All the providers interviewed in the study, and consequently in this article, are cited anonymously to comply with the terms of the interviews, which were originally conducted for academic research.
“I feel like I can’t advocate for the patients I want to advocate for,” the same doctor said. “I feel like I have to … be very careful with the care I provide, and the words I say, and what I document.”
This chilling effect can cause providers in abortion-ban states to restrain themselves beyond what state restrictions require to avoid any risk of having their licenses revoked or facing legal troubles. That’s true for providers in states where abortion remains accessible, too, because they fear being legally pursued across state lines.
Junk science clutters the conversation
Suddenly, there are new grey areas in their medical practice.
Providers are targets for legislators and zealots who use junk science to argue that using emergency contraception or an IUD is the same as receiving abortion care. This is not true: emergency contraception prevents pregnancy from occurring; it does not cause abortion.
In many states, restrictions on abortion are unclear about how early into a pregnancy providing emergency contraception would be considered an abortion. This has caused some providers to be hesitant toward providing patients with emergency contraceptive methods, especially IUDs.
One nurse practitioner from a restrictive state told our research team, “I do feel like I am a little more stressed and worried about repercussions or that I am going to do the wrong thing or get in trouble for putting in an IUD. There are some doctors that I am working with who have started doing [blood tests] instead of just a urine [test] to prove that they weren’t pregnant before they put in an IUD and those kinds of things.”

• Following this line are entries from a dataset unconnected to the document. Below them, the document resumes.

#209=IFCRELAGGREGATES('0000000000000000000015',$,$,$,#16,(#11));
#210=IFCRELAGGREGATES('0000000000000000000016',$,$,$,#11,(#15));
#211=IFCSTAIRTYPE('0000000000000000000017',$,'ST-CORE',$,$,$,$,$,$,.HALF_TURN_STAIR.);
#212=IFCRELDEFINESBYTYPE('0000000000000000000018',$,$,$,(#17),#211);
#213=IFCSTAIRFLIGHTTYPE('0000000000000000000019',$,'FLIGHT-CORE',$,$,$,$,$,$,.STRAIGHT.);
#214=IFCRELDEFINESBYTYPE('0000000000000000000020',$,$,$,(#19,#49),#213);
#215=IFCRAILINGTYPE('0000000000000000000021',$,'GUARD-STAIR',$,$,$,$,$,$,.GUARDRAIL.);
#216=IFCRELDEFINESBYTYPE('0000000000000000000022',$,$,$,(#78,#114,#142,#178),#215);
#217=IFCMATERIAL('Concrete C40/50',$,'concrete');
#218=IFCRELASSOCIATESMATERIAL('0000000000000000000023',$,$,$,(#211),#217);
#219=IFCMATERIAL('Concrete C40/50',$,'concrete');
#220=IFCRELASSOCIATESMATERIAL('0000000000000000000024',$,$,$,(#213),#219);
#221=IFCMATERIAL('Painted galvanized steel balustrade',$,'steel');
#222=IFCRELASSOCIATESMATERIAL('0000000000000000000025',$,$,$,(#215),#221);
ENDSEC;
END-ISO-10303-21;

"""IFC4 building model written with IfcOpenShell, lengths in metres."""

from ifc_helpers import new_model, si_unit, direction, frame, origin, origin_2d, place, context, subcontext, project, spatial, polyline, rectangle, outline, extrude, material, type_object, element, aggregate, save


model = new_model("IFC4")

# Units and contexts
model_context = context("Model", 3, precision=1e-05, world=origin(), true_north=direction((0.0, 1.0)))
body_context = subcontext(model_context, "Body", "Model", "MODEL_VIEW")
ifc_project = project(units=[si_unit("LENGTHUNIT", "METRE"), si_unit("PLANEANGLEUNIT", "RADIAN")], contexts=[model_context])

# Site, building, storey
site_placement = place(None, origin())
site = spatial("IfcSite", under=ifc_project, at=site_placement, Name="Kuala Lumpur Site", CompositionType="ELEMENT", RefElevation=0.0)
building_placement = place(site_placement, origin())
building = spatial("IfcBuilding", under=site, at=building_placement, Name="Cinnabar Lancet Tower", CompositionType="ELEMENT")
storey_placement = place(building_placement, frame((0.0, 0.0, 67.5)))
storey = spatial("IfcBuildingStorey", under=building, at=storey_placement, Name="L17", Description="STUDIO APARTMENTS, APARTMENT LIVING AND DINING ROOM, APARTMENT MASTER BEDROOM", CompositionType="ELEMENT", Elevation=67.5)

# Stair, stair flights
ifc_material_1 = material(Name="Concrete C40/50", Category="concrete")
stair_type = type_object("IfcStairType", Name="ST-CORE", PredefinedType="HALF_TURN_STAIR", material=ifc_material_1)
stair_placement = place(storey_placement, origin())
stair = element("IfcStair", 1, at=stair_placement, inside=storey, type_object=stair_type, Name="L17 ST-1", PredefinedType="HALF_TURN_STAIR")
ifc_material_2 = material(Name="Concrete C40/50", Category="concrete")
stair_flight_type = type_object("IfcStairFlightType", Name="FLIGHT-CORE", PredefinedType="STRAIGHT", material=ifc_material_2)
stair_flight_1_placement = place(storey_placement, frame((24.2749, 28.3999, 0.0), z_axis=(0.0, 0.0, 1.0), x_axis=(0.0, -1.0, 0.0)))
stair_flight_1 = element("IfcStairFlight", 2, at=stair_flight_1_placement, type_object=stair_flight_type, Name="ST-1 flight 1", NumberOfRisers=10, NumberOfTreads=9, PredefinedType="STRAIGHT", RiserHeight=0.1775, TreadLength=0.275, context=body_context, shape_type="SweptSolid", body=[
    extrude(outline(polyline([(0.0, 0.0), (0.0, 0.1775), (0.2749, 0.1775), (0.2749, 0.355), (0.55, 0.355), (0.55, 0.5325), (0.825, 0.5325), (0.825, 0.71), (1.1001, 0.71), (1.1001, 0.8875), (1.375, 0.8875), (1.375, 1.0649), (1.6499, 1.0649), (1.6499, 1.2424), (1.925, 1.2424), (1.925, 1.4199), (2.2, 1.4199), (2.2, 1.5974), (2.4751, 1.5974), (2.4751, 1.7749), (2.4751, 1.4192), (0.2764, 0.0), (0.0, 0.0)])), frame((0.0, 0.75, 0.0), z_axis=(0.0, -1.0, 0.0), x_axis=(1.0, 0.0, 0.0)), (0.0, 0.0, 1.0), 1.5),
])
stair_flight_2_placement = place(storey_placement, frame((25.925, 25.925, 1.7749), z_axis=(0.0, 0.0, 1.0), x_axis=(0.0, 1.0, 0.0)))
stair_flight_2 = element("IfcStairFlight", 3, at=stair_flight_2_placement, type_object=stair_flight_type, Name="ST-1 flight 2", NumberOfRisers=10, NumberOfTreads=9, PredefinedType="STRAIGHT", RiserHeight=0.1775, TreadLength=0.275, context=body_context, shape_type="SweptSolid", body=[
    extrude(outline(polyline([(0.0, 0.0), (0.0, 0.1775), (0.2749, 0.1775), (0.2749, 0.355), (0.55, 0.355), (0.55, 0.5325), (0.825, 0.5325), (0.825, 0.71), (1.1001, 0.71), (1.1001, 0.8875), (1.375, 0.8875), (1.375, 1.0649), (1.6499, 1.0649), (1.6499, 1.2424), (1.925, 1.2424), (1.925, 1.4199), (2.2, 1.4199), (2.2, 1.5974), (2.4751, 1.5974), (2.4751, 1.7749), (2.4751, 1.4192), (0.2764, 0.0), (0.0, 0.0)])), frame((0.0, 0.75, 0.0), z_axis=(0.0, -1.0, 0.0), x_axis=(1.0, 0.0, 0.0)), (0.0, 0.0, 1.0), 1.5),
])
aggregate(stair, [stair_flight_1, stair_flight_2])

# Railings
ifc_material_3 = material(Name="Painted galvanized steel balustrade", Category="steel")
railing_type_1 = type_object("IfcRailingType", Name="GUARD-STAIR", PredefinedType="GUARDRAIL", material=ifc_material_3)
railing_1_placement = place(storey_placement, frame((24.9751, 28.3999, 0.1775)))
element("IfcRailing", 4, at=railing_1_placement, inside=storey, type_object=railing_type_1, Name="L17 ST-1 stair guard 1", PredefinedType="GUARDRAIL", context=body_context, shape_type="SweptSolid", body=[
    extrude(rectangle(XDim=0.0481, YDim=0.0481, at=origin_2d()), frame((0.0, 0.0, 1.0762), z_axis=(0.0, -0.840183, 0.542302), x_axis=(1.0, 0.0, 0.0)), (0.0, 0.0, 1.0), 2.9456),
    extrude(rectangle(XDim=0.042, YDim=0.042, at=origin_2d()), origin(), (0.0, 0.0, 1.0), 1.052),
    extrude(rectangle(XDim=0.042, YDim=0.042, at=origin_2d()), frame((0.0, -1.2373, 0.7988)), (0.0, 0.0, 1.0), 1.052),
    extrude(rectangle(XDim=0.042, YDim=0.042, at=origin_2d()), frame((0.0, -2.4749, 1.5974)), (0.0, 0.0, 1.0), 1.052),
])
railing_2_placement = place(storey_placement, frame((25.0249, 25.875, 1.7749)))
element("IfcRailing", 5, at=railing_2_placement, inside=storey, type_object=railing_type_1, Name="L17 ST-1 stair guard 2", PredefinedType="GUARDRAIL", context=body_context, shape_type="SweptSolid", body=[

On the other hand, numerous providers said they remained committed to giving their patients the health care they need. And what patients have increasingly said they need is long-acting contraception.
This, too, has some providers concerned. They worry that the urgency many of their patients feel could lead providers to offer more coercive advice that pushes patients toward longer-acting contraception like IUDs and implants over shorter-acting methods that some patients might prefer. With reproductive rights disappearing by the day, providers and patients are putting pressure on contraception as the solution.
And that’s made navigating these important conversations tricky.
“I do find myself feeling a little bit more fearful when a patient does leave without birth control and they don’t want to get pregnant,” one nurse practitioner, who provides care in a state that restricts abortion, told the research team. “I don’t know that it’s changed my counseling practices in general, but I feel like it’s changed the way I feel about birth control in that it’s allowed me to feel a little bit more biased because I am putting my fear on them subconsciously, I think.”
No ‘magic solution’ to abortion restrictions
This research was completed before Trump won a second term in office. Today, even some of the remaining options for preserving reproductive autonomy—such as affordable contraception and gender-affirming care—are under attack. The burden of any future restrictions on contraception will almost surely fall on communities of color and other systemically-oppressed groups, just as post-Dobbs abortion restrictions have.
Here’s the conclusion our study has left me with: Contraceptive care is not the magic solution to abortion restrictions. Yet without policies that protect reproductive rights and in the face of blatant attacks on affordable health care, fair, affordable, and reliable contraceptive access for all is an essential tool.
Providers deserve to feel safe when delivering this kind of care, and patients deserve the information and tools they need to make reproductive decisions that best suit them, unfettered by government interference.